Beautiful girl Cherish! :wub:









Stay tuned for the next post...LOTS more pics to come...


----------



## Bailey&Me (Mar 8, 2010)

Give us some cake, please!









Hand it over!









The princess doesn't want any of her birthday cake :blink:









I tried very hard to get a picture of Emma with her sister...but this is the best that I got! 









B&E stuck together! 









Carina, Andrea and the pups









Carina with sisters Charm and Emma









Charm trying to get Emma to play









The little princess just wanted to be held and cuddled 









Carina handing out some cake to the eager pups









Andrea (aka CloudClan Grandma!) snuggling with Emma. Emma just adores her! 

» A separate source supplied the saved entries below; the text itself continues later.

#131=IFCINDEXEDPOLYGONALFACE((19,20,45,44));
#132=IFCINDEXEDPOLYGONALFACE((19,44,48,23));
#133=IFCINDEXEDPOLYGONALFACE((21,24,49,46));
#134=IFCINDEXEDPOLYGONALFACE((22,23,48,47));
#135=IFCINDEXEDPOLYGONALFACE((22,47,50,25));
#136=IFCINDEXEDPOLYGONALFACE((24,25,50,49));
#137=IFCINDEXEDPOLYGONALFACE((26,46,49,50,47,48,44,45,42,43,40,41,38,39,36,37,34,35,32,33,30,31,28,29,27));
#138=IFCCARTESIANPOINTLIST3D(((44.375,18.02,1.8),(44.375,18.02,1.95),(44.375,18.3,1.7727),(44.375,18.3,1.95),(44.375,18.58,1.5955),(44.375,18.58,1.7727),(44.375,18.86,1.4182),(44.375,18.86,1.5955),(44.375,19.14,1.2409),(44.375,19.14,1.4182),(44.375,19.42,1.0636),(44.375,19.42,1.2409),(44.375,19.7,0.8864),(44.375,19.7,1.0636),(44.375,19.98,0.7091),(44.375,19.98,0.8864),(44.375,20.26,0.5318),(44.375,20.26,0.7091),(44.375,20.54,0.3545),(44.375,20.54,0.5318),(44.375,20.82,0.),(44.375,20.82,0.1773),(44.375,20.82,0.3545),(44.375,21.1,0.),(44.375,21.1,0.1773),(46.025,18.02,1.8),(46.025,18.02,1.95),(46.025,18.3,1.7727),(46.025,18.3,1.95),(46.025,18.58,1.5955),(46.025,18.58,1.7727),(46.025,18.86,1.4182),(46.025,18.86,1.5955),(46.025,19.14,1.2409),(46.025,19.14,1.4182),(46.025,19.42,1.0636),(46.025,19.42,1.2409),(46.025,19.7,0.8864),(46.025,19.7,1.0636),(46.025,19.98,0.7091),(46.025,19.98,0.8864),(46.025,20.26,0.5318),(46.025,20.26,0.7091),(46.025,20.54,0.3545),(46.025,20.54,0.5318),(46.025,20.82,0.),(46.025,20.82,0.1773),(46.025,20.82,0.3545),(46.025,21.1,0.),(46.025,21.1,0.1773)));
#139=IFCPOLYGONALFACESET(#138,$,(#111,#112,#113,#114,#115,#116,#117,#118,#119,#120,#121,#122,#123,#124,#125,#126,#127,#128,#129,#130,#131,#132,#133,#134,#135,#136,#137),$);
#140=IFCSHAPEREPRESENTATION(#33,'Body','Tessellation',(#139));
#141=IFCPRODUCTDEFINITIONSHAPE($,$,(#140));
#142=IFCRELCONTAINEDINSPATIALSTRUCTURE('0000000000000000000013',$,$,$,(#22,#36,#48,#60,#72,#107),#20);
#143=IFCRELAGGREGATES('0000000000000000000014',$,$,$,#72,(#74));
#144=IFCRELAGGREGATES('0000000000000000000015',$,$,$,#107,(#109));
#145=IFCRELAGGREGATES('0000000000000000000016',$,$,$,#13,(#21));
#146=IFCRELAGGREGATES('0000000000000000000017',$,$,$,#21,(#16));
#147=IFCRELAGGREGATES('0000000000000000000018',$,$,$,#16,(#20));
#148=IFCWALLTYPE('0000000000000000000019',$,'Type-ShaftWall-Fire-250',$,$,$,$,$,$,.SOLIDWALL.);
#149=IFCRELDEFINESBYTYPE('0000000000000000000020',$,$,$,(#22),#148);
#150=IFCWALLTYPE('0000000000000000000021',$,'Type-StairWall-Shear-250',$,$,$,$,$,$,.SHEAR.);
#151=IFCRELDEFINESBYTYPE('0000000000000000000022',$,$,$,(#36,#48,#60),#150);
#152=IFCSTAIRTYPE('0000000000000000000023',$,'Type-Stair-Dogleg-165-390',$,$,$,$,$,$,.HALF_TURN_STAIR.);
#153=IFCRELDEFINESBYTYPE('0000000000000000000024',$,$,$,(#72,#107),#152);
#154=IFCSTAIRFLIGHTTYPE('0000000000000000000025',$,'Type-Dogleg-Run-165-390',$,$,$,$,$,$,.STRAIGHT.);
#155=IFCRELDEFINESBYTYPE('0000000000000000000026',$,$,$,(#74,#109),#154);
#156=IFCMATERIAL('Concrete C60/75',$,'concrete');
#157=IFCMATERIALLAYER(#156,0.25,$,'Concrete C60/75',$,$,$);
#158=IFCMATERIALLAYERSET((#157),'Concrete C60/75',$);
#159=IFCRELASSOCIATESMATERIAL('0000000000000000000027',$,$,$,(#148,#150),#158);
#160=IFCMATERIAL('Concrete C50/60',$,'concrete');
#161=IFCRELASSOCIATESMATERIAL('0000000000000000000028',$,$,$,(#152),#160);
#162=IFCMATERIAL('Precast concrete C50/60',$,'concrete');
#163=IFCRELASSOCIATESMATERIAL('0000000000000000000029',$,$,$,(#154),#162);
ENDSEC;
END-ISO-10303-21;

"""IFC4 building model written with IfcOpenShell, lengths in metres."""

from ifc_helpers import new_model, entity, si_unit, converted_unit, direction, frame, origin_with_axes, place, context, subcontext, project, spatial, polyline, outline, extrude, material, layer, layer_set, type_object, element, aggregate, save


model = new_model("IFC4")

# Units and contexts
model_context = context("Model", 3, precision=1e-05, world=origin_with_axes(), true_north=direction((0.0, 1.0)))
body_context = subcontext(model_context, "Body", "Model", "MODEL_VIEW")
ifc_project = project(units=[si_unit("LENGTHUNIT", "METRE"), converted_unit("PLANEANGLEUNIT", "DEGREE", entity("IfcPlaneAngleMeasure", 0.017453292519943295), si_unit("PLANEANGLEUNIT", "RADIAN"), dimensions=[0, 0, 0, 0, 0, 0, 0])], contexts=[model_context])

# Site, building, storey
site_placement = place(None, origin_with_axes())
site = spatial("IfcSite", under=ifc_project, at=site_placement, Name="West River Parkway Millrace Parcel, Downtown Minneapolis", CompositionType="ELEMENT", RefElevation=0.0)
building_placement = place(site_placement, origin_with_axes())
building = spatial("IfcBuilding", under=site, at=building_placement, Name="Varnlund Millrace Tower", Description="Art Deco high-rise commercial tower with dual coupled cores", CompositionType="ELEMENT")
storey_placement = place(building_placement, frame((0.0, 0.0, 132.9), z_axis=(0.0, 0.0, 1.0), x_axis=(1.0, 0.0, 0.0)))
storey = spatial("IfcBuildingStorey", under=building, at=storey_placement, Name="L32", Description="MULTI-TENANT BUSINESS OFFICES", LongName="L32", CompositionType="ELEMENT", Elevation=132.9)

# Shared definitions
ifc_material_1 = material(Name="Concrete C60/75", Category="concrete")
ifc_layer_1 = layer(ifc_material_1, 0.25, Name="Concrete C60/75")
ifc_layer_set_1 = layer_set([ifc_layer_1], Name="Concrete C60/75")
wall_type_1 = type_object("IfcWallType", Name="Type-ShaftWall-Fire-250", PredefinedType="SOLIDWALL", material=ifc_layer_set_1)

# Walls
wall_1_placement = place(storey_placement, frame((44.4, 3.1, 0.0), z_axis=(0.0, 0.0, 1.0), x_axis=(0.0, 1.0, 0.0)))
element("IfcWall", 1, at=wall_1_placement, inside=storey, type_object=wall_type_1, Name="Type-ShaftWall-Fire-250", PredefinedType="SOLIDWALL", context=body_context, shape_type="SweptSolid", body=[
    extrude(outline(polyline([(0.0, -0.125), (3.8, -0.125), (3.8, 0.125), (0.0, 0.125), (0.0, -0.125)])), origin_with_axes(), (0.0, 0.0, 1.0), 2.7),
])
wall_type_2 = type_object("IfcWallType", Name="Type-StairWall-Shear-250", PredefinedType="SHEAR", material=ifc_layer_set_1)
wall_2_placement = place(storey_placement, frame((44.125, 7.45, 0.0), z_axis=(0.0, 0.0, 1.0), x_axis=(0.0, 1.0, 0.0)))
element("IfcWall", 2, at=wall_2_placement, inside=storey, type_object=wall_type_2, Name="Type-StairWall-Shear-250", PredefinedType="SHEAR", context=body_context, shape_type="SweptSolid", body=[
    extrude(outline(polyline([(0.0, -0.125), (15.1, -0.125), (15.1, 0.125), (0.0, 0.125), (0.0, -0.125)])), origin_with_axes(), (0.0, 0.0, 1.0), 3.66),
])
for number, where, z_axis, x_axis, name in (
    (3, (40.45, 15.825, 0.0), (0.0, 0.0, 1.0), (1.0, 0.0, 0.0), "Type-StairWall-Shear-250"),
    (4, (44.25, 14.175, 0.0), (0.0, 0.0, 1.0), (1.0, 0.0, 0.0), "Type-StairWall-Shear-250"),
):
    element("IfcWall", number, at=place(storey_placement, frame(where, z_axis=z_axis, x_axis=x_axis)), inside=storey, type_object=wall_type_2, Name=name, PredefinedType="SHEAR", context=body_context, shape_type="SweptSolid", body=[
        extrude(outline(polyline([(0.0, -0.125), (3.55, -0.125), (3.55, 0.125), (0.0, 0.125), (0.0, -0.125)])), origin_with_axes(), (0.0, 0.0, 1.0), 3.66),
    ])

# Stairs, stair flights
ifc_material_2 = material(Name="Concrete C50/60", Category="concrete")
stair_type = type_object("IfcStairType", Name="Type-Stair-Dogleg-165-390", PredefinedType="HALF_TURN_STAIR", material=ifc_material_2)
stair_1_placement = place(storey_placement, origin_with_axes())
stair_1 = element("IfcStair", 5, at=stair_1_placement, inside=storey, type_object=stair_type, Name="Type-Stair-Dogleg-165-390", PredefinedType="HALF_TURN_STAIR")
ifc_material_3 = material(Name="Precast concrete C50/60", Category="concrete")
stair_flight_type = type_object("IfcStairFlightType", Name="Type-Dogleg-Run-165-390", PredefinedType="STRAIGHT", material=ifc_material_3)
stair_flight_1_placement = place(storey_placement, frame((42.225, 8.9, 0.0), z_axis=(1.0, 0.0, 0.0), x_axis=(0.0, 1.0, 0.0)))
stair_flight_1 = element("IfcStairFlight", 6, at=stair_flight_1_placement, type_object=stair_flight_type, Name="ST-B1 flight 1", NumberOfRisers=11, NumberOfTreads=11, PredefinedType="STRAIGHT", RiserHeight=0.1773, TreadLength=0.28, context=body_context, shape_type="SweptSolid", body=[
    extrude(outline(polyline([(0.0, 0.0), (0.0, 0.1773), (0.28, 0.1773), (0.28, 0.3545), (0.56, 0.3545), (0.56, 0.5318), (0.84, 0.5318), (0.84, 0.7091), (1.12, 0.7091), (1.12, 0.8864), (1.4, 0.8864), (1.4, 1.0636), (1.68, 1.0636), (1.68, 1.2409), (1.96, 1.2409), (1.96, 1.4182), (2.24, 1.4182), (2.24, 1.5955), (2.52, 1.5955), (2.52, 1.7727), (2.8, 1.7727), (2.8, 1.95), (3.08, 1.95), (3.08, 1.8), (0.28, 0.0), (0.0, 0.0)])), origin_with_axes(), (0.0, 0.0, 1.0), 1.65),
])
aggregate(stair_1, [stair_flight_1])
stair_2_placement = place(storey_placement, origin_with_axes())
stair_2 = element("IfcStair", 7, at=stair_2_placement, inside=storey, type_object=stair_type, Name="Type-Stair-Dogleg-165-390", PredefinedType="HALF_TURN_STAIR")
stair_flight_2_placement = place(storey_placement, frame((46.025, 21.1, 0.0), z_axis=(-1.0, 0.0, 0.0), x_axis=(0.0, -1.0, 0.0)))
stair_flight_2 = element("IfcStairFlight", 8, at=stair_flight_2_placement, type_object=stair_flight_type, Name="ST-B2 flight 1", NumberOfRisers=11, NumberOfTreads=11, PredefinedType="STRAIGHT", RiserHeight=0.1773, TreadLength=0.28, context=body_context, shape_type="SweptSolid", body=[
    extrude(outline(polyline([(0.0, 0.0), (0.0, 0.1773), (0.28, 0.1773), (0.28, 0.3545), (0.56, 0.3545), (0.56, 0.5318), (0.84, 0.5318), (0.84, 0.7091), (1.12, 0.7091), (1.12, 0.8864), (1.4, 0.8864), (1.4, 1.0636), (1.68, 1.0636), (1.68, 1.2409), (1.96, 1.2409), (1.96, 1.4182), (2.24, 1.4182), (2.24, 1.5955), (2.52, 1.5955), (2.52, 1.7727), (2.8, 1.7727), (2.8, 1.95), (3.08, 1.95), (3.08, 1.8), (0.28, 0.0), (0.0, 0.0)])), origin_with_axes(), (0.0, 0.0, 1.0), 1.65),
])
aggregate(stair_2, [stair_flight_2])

Cutting the cake! That's my little cousin helping Emma blow out the candles  









Kisses for the birthday girl! :wub:

















B&E were exhausted by the end of the party

























I had a fun birthday! Thank you for looking at my pics! 

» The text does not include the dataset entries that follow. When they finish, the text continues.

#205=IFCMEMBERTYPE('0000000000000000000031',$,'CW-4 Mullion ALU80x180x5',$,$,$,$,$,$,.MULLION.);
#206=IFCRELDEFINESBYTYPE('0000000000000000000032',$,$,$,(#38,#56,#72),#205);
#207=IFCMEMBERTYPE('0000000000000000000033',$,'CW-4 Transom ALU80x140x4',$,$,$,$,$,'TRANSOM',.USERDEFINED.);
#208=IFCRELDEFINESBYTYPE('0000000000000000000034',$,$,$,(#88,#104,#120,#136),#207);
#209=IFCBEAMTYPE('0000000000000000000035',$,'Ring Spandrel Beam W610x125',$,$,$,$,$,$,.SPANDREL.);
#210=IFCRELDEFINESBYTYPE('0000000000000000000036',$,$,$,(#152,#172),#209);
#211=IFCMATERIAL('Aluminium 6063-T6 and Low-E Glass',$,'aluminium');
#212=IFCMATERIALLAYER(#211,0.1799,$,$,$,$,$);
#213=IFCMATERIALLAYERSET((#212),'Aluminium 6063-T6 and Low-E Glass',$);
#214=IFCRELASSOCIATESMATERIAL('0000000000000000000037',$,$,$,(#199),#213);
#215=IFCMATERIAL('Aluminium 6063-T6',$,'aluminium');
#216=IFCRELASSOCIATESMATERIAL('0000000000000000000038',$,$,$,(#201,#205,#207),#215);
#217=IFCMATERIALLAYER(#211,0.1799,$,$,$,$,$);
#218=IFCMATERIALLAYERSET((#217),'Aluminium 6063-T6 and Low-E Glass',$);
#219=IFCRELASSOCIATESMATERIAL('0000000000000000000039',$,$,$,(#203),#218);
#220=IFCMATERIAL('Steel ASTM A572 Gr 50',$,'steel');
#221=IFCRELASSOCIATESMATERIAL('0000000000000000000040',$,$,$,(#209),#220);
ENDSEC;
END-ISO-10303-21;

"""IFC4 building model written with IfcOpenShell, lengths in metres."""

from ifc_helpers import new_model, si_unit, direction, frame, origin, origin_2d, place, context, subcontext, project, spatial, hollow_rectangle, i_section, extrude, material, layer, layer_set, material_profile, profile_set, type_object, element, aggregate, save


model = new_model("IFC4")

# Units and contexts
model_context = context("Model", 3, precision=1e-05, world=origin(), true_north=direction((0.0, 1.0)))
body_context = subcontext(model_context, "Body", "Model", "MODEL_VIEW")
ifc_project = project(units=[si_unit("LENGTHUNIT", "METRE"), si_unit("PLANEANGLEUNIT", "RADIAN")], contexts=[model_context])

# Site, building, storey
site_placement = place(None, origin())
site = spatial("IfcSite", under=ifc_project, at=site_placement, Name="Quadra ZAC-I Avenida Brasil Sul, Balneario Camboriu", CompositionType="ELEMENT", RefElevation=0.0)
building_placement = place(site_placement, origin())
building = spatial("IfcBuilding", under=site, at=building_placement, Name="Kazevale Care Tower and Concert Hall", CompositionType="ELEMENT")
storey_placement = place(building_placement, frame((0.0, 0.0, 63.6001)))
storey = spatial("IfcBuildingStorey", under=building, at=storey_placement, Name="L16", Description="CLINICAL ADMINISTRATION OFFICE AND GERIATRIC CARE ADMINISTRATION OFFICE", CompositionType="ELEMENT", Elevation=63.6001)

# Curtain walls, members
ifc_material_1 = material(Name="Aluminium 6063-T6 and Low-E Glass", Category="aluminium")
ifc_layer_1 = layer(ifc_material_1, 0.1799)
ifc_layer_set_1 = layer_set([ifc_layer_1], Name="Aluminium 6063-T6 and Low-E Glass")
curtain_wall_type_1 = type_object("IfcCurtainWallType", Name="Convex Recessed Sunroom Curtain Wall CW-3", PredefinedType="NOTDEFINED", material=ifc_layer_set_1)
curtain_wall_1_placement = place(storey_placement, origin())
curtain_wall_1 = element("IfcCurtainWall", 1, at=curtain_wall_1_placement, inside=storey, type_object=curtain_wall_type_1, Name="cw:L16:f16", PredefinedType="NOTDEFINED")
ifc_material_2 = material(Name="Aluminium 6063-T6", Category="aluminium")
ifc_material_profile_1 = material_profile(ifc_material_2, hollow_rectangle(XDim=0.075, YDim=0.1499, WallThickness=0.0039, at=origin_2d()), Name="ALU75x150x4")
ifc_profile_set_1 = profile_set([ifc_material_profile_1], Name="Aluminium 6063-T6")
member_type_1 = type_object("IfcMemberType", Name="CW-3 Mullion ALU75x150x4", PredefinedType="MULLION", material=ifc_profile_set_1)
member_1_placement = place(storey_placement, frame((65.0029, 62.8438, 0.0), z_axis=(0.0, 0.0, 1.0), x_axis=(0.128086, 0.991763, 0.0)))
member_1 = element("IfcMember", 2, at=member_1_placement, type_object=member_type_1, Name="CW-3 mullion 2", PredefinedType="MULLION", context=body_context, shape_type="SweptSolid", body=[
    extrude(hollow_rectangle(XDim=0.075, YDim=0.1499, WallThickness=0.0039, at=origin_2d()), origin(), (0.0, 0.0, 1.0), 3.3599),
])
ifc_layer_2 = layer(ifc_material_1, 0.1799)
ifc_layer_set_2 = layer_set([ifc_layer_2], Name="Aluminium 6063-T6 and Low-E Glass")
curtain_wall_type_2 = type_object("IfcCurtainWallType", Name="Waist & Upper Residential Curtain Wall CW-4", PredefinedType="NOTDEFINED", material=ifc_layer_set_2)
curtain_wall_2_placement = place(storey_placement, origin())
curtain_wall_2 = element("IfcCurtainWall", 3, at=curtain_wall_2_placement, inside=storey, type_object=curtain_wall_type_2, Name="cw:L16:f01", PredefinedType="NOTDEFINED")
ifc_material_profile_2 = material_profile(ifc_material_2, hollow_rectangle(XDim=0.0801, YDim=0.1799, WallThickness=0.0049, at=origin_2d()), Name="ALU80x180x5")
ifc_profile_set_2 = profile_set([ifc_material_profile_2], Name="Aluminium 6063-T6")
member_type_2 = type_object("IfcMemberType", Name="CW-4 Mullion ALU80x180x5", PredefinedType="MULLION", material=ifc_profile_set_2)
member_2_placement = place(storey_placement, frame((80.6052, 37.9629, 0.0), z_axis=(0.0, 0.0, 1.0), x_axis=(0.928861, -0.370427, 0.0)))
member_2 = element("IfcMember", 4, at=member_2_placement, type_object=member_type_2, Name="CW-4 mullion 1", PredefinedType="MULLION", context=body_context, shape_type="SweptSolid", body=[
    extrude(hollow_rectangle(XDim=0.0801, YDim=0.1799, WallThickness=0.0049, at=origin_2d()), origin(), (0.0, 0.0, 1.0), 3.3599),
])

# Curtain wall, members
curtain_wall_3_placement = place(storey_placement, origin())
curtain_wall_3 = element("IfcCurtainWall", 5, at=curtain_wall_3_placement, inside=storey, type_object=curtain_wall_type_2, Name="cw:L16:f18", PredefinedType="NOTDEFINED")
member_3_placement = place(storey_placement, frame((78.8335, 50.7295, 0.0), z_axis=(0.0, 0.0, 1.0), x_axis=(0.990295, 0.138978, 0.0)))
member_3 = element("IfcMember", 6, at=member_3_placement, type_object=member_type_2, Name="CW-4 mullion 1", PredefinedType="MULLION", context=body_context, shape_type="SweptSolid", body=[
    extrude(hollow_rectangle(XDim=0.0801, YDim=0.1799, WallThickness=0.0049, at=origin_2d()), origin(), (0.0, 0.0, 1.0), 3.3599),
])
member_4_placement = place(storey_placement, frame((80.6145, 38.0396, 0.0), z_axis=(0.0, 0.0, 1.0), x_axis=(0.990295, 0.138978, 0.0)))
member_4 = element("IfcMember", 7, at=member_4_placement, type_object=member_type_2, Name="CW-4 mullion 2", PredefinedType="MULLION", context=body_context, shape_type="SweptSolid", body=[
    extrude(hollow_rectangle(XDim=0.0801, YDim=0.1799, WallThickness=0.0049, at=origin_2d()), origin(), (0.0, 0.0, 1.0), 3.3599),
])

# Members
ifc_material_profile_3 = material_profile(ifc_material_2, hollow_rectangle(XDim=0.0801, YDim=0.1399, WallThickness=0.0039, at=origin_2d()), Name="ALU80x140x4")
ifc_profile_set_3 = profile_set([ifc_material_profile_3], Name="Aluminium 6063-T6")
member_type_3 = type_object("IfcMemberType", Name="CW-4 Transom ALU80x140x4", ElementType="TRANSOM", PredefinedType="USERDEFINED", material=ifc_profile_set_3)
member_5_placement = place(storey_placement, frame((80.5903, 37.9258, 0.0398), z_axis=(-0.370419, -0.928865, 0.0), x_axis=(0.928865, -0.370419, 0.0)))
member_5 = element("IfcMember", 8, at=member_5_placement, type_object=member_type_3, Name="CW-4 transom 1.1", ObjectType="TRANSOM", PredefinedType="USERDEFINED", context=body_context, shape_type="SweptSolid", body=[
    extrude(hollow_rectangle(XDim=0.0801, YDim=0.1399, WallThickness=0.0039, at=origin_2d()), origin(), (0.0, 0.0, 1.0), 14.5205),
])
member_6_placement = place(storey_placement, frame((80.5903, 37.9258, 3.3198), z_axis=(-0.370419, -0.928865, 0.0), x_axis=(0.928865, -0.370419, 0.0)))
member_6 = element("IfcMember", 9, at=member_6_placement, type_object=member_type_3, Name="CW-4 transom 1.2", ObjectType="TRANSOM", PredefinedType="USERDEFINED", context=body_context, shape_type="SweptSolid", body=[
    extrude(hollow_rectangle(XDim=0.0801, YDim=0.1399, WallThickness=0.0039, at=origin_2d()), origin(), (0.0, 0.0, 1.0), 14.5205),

*Here's a video of some of the birthday fun! *
Emma's First Birthday Party! - YouTube

Thank you for looking!!!


----------



## IzzysBellasMom (Jan 16, 2013)

Great pictures, I am glad that Carina and gang could go to the party. It must be really nice having her close by.


----------



## mdbflorida (Feb 28, 2013)

OMG now that is a party! When I first saw the cake, I thought it was for the fluffs. LOL. Looks like everyone had a blast and the pictures were great.


----------



## Missyboo (Mar 20, 2013)

Aw She looked adorable in the dress. They all looked cute and happy. Looks like everyone had a good time. Loved the cake.


----------



## mysugarbears (Aug 13, 2007)

Great pics and looks like it was also a great party! arty: I love the pic of Bailey kissing Emma and then all tuckered out from the party. I couldn't help but laugh at Charm and her missing one of her bands on her mustache! :HistericalSmiley: I loved the video of everyone eating cake but Emma and who was the bouncing bean was that my beloved Cherish bouncing up and down?!?! Looks like everyone had a great time! BTW can you send a piece of that yummy looking human cake to Florida?


----------



## wkomorow (Aug 26, 2011)

Wow, talk about going all out. You deserve it princess E.


----------



## Leila'sMommy (Oct 20, 2012)

What a nice party! Happy belated birthday, you little beauty! 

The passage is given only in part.